Hawkshead is the least easily accessed of the major Lake District shopping centres. Coniston to the west and Ambleside to the north are both reached along narrow winding roads, while the southern approach uses the chain ferry across Windermere. The village isn’t close to any high mountains – nearby Latterbarrow struggles to reach 800ft – and the hills to the south west are hidden beneath Grizedale Forest.

Despite this the village is a deservedly popular tourist destination. The key to this is the lack of traffic in the village centre – the main road now passes to the east of the village. As a result the visitor is free to enjoy the picturesque village centre without any interruptions.

The village name comes from “Haukr’s shieling”, or the summer pasture of Haukr. During the thirteenth century the small settlement became an abbey farm (grange) of Furness Abbey. After the dissolution of the monasteries the village gained a market, followed in 1608 by a biannual fair, and became an important market town for the wool trade.
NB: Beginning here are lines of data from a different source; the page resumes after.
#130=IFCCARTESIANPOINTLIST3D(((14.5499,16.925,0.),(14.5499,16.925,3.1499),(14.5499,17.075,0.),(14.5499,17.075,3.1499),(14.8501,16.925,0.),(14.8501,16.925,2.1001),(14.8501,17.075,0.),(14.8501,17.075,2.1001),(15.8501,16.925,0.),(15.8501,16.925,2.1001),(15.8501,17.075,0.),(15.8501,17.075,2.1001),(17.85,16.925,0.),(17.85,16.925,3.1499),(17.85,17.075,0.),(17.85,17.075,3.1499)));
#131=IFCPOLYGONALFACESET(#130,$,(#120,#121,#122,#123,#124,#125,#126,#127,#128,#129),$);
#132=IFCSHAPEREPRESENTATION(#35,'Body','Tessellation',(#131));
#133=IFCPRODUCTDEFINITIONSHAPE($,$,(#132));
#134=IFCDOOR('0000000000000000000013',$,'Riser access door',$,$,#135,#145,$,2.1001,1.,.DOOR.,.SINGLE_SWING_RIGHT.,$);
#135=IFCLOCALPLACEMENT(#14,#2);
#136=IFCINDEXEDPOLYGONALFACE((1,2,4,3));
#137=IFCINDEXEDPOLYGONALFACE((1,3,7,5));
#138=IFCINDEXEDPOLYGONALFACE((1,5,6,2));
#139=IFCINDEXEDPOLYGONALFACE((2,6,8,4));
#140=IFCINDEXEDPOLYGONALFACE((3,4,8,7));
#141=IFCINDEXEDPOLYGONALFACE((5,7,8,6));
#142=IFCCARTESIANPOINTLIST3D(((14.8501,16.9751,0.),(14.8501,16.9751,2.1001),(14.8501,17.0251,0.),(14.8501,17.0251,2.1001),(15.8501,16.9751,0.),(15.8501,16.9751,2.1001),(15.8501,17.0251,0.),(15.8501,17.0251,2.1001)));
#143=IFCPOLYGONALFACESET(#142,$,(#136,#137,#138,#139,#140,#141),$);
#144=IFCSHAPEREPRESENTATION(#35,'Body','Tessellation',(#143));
This trade remained important as late as 1790, when the current market hall was built, but declined during the nineteenth century
The village became a centre of the wool industry

Hawkshead has an interesting collection of shops, amongst them an excellent bookshop, the Hawkshead Relish Company and of course a large Hawkshead shop as well as a good selection of tea rooms, walking shops and craft and gift shops.

The village church – St. Michael’s Church – sits above the village to the west, and is well worth visiting for the views across the surrounding area and for the church itself. The old Grammar School, where Wordsworth went to school, is open during the season. Literary connections continue with the Beatrix Potter Gallery, in the house and office of William Heelis, Beatrix Potter’s husband.

Esthwaite Water, to the south of the village, is not easily accessible on foot – the only public right of way reaches the lakeshore at its northern end, and although roads run down both sides of the lake there are very few places to park. Fishing permits are available from the post office, and rowing boats can be hired for use on the lake. Boats can be launched from the car park at the south western corner of the lake.